There are also more complex forms, such as Huffman (which you picked) which tries to seek the number of strings that comprise a file (such as words, to keep it simple), then gives each a number of a length depending on its usage count (200x "the" and one "administrator" would give the shorter code to the, obviously since that saves 200x the bits it would with administrator), stores the number list, and then the word list. It's not good for small files since obviously, there's not much to be repeated in a 4-byte file. However, since most files are >2k (don't believe tanenbaum) it's useful. There is also LZW (Lempel-Ziv-Welsh), which uses an idea similar to this, but with a twist. It does not need to store the tree, since you can rebuild it from the codes you receive. Should you receive, for instance, a list
BRBRBR
it would compress to the code for B, for R, the first new code and then again the first new code, being 4 codes in total. The first new code is assigned to the first two characters that appear, and so on and so on (I don't really know how it all works, I only know how to start). However, this algorithm is patented (compuserve) and therefore you may not use it freely. It's used in GIF, which also means you may not make your own GIF encoder without paying them money (see also, www.gnu.org about the pictures).
And then you have lossy compression, such as JPEG, which works by dividing the stuff you see into squares, and then stores all information for such a square (such as the average color of it). Then, it seeks the squares where you would be most likely to notice a distortion, which means that the blue ocean is completely squary, but the faces of the people on the docks are not.
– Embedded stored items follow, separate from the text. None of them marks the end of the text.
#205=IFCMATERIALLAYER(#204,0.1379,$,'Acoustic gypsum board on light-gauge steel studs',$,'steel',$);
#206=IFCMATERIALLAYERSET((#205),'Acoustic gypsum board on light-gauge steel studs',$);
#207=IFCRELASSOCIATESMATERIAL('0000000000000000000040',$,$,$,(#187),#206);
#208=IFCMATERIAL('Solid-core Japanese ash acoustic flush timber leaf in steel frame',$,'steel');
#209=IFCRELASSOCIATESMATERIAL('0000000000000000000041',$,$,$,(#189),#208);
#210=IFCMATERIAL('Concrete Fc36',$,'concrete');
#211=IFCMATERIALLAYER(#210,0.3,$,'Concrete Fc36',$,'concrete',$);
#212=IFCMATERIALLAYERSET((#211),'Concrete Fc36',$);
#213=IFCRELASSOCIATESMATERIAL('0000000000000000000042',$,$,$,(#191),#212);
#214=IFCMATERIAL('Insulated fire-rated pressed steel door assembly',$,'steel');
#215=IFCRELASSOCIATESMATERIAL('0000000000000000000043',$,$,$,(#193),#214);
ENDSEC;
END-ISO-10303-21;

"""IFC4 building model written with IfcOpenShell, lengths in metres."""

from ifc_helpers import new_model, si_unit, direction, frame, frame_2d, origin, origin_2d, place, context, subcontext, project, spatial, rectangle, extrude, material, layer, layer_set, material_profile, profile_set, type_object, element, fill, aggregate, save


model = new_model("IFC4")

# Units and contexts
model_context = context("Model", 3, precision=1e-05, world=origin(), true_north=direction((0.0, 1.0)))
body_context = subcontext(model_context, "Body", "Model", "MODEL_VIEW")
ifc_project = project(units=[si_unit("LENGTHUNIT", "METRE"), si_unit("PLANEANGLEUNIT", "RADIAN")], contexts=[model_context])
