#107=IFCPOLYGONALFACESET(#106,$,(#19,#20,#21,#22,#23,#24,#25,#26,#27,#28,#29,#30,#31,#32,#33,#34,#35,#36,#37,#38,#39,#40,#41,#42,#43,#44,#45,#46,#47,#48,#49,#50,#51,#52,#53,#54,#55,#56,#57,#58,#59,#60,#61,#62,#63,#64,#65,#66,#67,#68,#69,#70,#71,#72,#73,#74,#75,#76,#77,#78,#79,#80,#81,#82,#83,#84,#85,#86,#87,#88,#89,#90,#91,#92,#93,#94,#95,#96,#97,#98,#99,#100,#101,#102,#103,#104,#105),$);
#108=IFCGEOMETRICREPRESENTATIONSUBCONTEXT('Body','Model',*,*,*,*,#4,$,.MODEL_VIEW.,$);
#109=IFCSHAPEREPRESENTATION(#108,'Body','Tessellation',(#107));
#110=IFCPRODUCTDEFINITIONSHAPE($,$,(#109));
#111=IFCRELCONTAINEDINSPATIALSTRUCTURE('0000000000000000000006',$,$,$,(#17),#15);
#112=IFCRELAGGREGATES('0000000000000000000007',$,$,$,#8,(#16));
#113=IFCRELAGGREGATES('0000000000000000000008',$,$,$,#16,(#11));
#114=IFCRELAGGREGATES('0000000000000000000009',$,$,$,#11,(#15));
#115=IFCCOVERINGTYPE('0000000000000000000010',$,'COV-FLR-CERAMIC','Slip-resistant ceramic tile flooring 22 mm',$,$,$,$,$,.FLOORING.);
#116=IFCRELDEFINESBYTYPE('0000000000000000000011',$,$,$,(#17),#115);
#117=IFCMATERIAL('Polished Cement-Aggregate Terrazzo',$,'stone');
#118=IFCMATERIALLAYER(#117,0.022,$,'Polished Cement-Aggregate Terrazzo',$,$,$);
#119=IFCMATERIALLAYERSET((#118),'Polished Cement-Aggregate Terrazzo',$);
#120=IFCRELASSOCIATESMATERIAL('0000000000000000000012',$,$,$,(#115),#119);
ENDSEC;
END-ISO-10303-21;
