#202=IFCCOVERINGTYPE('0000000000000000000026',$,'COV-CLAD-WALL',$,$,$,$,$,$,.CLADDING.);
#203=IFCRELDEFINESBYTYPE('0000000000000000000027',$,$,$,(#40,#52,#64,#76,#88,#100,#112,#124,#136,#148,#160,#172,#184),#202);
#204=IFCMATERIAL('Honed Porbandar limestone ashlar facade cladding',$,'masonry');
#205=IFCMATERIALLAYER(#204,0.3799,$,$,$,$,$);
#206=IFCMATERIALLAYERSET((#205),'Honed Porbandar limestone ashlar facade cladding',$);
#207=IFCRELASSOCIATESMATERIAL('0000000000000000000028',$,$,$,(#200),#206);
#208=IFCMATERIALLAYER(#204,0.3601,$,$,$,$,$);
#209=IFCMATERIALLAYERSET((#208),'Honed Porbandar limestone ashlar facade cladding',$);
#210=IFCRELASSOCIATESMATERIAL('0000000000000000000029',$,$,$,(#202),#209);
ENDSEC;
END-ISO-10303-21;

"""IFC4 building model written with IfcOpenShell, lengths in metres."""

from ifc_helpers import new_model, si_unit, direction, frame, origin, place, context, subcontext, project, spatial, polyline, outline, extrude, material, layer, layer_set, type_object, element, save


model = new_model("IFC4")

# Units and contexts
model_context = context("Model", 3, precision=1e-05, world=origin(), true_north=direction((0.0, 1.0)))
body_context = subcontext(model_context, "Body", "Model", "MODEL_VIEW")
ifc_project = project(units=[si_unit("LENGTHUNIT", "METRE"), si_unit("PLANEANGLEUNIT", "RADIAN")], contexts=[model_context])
Humans tend to look at some details first, so those details are encoded. You tend to never look at a close-up from the sky, which is why there is barely any information wasted about the sky.
My point in the end is, there are a lot of algorithms, didn't know for sure whether you picked huffman as a best-option or as a first-option (seeing as you don't know its strengths, you probably did not look at much others), and hope to help you with a good algorithm choice.